The Vietnamese version of Depression, Anxiety, and Stress Scale (DASS-14) was used to measure participants’ mental health. DASS-14 is the modified version of the DASS-21. It is a self-report tool containing 14 items that measure the level of depression and anxiety in the preceding week of participants (7 items per subscale). Participants answered the items using a 4-point Likert scale ranging from 0 (Did not apply at all) to 3 (Applied very much, or most of the time). The total score was calculated by the sum of all items multiplied by two, ranging from 0 to 42 for each of the sub-scale. A cut-off point of 33 on each sub-scale was used to create two binary variables of “Participants with depressive/anxiety symptoms” or without depressive/anxiety symptoms (sensitivity 79.1% and specificity 77.0%) (21). In this study, the internal consitency was reported to be high, with the overall scale having Cronbach’s Alpha = 0.9, the depression subscale’s Cronbach’s Alpha = 0.9, and the anxiety subscale’s Cronbach’s Alpha = 0.81.

Sample size calculation

Sample size calculation was based on the estimated prevalence of insomnia (50%) with a 3% margin of error (10, 14). An estimated sample of 1,068 was suggested under the 95% confidence interval.

Data collection

The questionnaire was created using Qualtrics CoreXM. The survey was opened from June to September 2022. An open invitation to participate was sent to all the member of COVID-19 patients’ network (organized by the Vietnamese government) to approach infected participants. The invitation was sent to either email address or social account (Facebook and Zalo – two most popular social media platforms) of the potential participants.

Data analysis

Data were extracted from the Qualtrics into Stata 15.0 for cleaning and analysis. First, we tabulated participants’ sociodemographic, health, sleep quality assessment, depressive and anxiety level, stratified by insomnia score and binary level. Then the Wilcoxon rank-sum, Pearson’s chi-squared tests and Fisher’s exact tests were used to detect statistically significant differences between participants’ characteristics. Thirdly, we included depressive level, anxiety level, and each covariate into the univariate logistic regression to estimate the association with participants’ insomnia status. The univariate and multivariable logistic regression was employed to estimate odds ratios (ORs) and 95%CIs of the associations between depressive and anxiety level, and participants’ insomnia, controlling for all covariates adjusted for participants’ socio-demographic characteristics, the severity of their COVID-19 infection, and number of days infected.

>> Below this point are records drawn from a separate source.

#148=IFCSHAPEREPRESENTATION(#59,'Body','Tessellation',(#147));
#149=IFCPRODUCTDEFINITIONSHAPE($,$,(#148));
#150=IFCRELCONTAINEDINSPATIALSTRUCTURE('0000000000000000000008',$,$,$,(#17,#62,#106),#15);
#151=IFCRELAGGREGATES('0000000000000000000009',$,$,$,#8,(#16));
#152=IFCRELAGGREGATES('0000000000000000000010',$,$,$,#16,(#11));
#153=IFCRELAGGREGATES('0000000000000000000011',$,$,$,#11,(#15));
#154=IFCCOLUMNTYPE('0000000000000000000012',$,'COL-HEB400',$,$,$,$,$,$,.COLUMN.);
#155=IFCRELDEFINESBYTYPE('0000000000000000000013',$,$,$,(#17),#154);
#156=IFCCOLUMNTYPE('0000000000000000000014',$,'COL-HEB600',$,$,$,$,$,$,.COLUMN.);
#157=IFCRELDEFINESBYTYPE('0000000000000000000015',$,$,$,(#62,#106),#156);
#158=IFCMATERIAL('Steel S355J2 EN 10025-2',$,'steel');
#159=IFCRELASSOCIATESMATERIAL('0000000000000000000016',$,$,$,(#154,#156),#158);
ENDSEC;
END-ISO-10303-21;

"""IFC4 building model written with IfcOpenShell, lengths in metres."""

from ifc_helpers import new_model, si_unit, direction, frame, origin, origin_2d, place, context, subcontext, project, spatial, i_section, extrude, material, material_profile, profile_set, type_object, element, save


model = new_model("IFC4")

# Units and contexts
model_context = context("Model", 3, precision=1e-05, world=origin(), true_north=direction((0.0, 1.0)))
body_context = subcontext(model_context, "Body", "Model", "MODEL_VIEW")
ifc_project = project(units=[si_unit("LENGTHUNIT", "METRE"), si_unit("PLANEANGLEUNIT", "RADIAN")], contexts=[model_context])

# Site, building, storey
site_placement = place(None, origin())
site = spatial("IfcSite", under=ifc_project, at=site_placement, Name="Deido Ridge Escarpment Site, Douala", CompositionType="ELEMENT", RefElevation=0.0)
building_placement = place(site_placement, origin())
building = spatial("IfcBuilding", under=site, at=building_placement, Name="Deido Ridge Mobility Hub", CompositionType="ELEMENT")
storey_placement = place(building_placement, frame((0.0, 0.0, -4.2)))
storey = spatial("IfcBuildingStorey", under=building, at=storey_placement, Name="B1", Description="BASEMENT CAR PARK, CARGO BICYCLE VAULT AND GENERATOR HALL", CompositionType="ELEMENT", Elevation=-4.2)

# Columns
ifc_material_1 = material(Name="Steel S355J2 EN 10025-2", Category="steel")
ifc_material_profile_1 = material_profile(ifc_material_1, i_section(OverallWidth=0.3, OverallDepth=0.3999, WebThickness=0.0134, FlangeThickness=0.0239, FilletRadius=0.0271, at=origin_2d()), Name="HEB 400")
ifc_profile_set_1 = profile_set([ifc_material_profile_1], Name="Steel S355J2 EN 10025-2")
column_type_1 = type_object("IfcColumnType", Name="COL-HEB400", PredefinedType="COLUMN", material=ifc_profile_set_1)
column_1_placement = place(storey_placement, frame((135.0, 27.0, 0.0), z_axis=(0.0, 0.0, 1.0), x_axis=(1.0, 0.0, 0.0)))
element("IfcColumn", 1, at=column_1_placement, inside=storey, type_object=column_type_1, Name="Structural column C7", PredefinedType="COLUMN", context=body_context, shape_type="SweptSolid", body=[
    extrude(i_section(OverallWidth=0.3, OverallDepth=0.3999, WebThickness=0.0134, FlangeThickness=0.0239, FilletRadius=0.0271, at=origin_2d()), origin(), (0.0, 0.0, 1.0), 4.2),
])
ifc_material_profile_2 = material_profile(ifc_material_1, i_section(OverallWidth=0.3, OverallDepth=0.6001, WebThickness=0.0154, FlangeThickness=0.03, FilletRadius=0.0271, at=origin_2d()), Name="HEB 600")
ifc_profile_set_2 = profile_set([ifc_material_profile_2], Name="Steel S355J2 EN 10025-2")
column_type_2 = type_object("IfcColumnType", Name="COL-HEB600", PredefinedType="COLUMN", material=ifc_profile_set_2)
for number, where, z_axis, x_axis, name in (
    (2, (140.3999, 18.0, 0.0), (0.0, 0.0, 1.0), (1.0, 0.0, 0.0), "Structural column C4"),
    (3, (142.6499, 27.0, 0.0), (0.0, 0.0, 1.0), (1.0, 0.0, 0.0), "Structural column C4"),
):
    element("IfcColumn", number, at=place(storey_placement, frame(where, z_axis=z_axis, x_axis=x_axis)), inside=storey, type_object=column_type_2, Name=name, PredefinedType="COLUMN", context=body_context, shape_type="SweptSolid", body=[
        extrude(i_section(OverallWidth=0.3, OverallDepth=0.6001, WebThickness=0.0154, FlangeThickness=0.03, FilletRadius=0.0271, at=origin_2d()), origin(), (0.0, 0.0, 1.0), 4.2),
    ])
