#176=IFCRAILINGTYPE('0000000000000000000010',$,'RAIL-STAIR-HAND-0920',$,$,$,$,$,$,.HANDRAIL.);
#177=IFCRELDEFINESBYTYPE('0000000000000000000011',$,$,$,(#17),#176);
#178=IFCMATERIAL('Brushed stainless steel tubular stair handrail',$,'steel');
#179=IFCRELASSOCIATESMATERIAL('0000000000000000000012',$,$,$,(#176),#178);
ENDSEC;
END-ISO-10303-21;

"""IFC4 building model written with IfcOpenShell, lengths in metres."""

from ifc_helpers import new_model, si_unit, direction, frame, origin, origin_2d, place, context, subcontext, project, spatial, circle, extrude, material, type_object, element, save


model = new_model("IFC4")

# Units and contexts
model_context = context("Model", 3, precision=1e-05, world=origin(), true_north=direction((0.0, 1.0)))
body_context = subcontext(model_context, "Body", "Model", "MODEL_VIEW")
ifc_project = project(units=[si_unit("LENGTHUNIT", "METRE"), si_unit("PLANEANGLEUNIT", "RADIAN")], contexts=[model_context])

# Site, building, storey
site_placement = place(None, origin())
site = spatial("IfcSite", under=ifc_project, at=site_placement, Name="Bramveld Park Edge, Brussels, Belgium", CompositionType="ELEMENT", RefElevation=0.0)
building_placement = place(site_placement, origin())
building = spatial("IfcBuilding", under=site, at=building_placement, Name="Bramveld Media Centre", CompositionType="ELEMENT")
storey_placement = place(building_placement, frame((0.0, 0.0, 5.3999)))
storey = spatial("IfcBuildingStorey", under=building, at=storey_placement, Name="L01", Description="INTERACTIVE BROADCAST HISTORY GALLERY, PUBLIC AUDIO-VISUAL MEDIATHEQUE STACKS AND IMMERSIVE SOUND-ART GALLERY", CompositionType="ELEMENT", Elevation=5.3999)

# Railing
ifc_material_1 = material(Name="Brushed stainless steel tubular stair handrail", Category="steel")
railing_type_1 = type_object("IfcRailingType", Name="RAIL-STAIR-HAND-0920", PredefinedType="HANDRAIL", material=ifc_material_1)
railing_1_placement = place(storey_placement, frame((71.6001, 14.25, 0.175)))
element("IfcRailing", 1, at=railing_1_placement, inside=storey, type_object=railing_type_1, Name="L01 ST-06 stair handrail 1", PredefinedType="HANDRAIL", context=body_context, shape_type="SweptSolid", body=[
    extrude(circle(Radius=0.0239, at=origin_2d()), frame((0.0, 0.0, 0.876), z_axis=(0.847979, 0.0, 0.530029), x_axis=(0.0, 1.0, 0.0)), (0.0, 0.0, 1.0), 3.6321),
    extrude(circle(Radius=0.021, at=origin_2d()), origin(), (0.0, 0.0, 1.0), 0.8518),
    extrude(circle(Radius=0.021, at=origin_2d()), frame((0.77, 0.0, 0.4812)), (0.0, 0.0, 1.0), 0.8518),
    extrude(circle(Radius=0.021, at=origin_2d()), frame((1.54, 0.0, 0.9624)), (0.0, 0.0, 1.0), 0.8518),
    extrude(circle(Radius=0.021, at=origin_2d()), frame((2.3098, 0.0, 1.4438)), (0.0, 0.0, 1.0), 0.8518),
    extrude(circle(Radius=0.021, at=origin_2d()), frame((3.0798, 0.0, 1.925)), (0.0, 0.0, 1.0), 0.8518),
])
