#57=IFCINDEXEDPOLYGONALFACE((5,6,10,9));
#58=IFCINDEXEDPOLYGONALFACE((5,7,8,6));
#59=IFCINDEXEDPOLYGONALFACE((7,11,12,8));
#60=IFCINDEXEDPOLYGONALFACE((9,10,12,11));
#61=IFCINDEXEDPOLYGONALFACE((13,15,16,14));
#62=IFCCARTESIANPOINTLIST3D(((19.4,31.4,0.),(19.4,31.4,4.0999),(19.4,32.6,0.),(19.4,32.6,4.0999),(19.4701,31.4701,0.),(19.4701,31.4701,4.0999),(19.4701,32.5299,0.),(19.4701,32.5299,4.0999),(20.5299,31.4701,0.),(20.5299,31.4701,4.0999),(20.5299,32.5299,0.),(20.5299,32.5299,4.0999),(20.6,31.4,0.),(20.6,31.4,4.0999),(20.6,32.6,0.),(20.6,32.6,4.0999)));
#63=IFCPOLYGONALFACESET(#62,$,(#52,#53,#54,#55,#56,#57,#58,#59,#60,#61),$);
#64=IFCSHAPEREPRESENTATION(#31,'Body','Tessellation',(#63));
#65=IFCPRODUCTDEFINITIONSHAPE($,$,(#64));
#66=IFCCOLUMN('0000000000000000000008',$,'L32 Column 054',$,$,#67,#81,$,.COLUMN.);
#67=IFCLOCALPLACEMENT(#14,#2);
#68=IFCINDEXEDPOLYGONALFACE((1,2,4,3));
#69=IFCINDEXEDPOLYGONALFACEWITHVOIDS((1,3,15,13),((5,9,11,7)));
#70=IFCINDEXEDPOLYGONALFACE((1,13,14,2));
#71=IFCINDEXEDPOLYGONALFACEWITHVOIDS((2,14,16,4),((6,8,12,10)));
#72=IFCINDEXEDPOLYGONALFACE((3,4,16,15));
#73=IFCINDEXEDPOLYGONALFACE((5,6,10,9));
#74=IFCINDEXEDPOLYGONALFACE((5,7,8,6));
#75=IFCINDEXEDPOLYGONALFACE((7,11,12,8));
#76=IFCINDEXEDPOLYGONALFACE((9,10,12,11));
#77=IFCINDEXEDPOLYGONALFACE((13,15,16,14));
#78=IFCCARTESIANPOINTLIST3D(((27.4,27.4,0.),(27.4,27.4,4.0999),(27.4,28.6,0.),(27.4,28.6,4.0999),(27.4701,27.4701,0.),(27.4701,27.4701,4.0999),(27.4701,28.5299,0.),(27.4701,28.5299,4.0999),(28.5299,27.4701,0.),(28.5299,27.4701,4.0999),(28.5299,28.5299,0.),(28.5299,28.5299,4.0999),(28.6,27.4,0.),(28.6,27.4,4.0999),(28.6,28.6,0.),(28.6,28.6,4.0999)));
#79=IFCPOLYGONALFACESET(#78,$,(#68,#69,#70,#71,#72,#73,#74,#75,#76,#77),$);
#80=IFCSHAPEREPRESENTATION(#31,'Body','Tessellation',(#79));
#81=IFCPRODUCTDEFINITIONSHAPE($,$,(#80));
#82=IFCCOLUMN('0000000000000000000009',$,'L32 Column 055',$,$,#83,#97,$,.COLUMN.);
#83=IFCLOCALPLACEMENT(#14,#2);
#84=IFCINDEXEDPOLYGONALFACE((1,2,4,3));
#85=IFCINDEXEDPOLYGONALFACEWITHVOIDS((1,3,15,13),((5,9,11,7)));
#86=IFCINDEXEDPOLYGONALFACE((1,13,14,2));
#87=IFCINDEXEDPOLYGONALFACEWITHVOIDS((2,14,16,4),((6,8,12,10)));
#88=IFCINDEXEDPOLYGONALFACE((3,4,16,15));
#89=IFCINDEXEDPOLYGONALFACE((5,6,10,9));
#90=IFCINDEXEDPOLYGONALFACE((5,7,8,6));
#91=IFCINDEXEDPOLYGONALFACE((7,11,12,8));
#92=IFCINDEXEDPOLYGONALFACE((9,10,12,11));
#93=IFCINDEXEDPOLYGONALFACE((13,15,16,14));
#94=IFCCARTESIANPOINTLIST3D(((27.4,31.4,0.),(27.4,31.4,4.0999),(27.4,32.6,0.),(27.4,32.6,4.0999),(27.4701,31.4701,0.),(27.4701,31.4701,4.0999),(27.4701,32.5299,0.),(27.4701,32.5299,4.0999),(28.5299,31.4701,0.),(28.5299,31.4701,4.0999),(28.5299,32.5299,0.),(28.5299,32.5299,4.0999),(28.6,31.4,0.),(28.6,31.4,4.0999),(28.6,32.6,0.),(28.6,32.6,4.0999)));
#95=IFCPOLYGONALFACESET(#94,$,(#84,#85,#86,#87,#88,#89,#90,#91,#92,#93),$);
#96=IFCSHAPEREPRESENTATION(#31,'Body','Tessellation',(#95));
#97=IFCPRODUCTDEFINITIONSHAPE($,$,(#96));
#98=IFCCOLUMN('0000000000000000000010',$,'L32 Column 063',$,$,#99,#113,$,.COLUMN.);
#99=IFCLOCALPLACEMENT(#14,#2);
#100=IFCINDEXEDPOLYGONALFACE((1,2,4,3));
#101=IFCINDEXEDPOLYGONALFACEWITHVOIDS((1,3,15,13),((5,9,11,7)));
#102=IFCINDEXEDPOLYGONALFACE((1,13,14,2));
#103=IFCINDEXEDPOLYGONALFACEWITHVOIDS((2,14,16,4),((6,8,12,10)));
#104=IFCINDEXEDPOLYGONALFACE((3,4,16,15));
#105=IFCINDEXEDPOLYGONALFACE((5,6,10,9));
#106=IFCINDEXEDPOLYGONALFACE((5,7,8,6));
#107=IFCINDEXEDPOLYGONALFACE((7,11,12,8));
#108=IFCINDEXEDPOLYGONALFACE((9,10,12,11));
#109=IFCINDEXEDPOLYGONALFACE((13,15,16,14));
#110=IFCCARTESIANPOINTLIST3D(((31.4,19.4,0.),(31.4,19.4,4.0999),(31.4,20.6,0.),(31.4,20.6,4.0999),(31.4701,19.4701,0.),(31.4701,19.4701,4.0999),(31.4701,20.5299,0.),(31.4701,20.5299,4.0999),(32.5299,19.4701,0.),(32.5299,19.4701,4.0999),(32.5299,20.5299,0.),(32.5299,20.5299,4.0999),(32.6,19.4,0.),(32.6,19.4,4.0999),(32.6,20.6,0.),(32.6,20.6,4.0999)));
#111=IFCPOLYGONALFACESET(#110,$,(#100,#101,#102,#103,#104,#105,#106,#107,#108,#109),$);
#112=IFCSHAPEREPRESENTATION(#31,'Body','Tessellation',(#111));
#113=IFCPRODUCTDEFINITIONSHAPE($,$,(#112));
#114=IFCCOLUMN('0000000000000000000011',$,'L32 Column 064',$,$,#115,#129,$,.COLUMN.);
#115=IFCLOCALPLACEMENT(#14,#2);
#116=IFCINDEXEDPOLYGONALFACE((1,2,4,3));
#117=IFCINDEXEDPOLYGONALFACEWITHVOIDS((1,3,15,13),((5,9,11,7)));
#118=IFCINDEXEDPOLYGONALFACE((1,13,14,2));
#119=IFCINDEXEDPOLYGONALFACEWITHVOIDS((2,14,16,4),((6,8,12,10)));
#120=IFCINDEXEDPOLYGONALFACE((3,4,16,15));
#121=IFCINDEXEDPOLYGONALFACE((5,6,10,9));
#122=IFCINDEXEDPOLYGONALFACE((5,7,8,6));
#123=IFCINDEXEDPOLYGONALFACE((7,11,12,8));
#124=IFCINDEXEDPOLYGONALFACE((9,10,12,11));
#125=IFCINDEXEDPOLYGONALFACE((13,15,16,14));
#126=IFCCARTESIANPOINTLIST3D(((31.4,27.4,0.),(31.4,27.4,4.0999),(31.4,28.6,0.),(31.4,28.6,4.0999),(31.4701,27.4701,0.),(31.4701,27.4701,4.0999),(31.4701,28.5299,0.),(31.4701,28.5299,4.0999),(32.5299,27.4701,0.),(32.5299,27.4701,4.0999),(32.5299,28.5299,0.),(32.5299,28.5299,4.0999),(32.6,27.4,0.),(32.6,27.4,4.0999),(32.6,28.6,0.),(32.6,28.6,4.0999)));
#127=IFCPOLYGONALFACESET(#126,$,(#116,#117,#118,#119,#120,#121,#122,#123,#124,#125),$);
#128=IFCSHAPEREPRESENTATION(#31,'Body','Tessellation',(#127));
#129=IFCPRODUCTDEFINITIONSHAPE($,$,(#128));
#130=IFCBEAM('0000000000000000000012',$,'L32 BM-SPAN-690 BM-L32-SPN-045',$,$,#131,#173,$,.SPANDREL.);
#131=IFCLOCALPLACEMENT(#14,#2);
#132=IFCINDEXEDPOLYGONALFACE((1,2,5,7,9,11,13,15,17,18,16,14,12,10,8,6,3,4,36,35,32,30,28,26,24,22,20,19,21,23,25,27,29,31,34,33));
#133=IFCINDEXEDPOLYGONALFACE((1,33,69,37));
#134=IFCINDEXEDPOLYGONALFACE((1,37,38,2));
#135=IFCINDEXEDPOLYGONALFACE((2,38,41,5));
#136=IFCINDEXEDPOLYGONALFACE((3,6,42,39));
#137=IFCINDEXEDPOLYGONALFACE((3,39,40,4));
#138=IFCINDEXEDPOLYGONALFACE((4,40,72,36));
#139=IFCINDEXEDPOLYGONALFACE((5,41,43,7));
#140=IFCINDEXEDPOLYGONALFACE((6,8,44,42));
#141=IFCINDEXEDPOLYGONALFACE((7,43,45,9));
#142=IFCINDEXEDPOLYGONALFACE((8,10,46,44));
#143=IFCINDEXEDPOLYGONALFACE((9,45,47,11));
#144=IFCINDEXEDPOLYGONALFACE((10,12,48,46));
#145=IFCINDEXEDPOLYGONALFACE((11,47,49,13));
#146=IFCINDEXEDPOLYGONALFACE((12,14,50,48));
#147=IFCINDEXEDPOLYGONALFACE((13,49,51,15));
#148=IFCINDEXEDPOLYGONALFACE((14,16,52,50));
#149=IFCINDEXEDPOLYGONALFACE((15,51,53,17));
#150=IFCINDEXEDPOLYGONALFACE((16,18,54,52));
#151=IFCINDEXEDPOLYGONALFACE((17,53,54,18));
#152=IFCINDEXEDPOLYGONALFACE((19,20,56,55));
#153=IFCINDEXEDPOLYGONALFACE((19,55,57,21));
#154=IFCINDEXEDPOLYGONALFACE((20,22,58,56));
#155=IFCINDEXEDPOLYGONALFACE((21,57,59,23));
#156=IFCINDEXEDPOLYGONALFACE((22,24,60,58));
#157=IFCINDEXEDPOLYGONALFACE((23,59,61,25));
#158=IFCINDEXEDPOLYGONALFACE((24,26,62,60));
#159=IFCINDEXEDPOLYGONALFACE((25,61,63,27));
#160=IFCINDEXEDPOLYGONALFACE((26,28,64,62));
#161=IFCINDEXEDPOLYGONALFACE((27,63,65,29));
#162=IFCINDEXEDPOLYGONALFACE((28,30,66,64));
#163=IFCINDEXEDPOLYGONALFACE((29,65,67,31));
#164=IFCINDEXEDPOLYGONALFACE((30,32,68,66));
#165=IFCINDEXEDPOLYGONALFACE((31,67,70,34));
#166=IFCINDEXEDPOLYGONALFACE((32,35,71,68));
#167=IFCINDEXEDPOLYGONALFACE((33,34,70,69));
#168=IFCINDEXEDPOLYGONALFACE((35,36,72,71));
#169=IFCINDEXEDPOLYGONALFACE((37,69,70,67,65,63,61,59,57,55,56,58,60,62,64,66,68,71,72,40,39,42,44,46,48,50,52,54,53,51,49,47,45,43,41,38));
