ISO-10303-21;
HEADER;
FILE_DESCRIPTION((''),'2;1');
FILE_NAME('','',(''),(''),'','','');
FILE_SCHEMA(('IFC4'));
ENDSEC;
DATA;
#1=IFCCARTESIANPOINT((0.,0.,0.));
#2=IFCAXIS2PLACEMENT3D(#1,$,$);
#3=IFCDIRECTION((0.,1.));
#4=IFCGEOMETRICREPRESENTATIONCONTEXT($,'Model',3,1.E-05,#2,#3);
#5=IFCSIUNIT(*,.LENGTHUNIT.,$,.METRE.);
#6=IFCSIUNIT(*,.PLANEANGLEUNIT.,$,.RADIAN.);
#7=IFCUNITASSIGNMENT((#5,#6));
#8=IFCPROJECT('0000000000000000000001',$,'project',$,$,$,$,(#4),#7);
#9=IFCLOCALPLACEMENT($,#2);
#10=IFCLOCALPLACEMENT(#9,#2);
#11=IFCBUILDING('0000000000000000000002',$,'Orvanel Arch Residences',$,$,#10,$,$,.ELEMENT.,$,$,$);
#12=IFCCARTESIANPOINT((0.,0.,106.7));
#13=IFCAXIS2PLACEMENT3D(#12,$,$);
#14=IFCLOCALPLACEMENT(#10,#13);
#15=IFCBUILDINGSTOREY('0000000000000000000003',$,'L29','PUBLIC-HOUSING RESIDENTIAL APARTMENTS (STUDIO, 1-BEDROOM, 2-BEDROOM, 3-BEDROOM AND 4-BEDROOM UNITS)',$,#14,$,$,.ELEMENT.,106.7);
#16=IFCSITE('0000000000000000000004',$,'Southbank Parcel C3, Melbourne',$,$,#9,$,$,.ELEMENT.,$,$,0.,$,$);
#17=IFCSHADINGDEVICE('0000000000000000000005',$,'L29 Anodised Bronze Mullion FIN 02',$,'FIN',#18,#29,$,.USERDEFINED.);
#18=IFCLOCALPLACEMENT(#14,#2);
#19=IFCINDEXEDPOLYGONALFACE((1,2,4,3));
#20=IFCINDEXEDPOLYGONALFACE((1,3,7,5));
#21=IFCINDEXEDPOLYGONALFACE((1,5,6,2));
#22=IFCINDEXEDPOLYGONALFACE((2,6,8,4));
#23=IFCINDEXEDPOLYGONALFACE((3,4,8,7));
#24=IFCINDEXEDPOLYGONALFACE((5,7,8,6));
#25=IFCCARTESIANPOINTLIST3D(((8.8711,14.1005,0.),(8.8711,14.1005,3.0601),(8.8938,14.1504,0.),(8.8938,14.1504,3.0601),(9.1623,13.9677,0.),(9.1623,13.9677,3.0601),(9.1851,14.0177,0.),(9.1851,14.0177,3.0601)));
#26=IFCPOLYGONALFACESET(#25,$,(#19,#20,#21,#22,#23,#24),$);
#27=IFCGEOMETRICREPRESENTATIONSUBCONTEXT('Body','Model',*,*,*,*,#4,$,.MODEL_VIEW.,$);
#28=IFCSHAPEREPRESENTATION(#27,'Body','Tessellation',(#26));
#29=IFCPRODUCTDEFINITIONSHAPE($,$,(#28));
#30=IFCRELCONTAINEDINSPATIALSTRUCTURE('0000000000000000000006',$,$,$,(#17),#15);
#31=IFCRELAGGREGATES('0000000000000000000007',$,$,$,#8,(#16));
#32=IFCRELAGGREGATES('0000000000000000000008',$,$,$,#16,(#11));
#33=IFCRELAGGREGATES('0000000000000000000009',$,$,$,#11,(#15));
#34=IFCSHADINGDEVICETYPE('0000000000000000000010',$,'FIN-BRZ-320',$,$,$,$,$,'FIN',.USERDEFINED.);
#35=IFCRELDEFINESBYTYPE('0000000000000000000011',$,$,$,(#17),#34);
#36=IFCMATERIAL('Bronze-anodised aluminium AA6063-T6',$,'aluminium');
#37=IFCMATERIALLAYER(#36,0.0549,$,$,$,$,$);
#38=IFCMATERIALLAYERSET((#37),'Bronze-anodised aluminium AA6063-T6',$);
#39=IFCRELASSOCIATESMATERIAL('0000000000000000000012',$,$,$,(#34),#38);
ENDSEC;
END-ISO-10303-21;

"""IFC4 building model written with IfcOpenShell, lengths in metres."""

from ifc_helpers import new_model, si_unit, direction, frame, origin, origin_2d, place, context, subcontext, project, spatial, rectangle, extrude, material, layer, layer_set, type_object, element, save


model = new_model("IFC4")

# Units and contexts
model_context = context("Model", 3, precision=1e-05, world=origin(), true_north=direction((0.0, 1.0)))
body_context = subcontext(model_context, "Body", "Model", "MODEL_VIEW")
ifc_project = project(units=[si_unit("LENGTHUNIT", "METRE"), si_unit("PLANEANGLEUNIT", "RADIAN")], contexts=[model_context])

# Site, building, storey
site_placement = place(None, origin())
site = spatial("IfcSite", under=ifc_project, at=site_placement, Name="Southbank Parcel C3, Melbourne", CompositionType="ELEMENT", RefElevation=0.0)
building_placement = place(site_placement, origin())
building = spatial("IfcBuilding", under=site, at=building_placement, Name="Orvanel Arch Residences", CompositionType="ELEMENT")
storey_placement = place(building_placement, frame((0.0, 0.0, 106.7)))
storey = spatial("IfcBuildingStorey", under=building, at=storey_placement, Name="L29", Description="PUBLIC-HOUSING RESIDENTIAL APARTMENTS (STUDIO, 1-BEDROOM, 2-BEDROOM, 3-BEDROOM AND 4-BEDROOM UNITS)", CompositionType="ELEMENT", Elevation=106.7)

# Shared definitions
ifc_material_1 = material(Name="Bronze-anodised aluminium AA6063-T6", Category="aluminium")

# Shading device
ifc_layer_1 = layer(ifc_material_1, 0.0549)
ifc_layer_set_1 = layer_set([ifc_layer_1], Name="Bronze-anodised aluminium AA6063-T6")
shading_device_type = type_object("IfcShadingDeviceType", Name="FIN-BRZ-320", ElementType="FIN", PredefinedType="USERDEFINED", material=ifc_layer_set_1)
for number, where, z_axis, x_axis, name in (
    (1, (9.0281, 14.0591, 0.0), (0.0, 0.0, 1.0), (-0.909961, 0.414693, 0.0), "L29 Anodised Bronze Mullion FIN 02"),
):
    element("IfcShadingDevice", number, at=place(storey_placement, frame(where, z_axis=z_axis, x_axis=x_axis)), inside=storey, type_object=shading_device_type, Name=name, ObjectType="FIN", PredefinedType="USERDEFINED", context=body_context, shape_type="SweptSolid", body=[
        extrude(rectangle(XDim=0.3201, YDim=0.0549, at=origin_2d()), origin(), (0.0, 0.0, 1.0), 3.0601),
    ])

save(model, "model.ifc")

The research team sent out 34,850 invitation to targeted population and a total of 1,090 participants responded to the survey. However, 34 participants did not complete the ISI and DASS-14 leaving the final sample size of the study was 1,056. Table 1 shows descriptive values of sociodemographic characteristics, COVID-19 infection, and mental health indicators of participants, summarized by ISI score and stratified by insomnia status. Majority of participants were female (68.5%), mean age of 33.6 ± 10.1, married (64%), and had received university education (68.7%). 20.1% of our participants were healthcare workers, 16.1% were students, and 3.4% were not working at time of survey. In addition, 11.7% of them had pre-existing chronic conditions (cardiovascular diseases: 4.5%, metabolic disorders: 3.5%, cancers: 2.2%, and other chronic diseases such as degenerative spine, adiposis hepatica, gout: 1.5%). Participants who were female, divorced/widowed, had post-graduate education, not currently working, or had chronic diseases scored higher ISI score on average than their counterparts, but only those with chronic conditions had significantly higher score (18.46 ± 6.03, p < 0.01) than those without.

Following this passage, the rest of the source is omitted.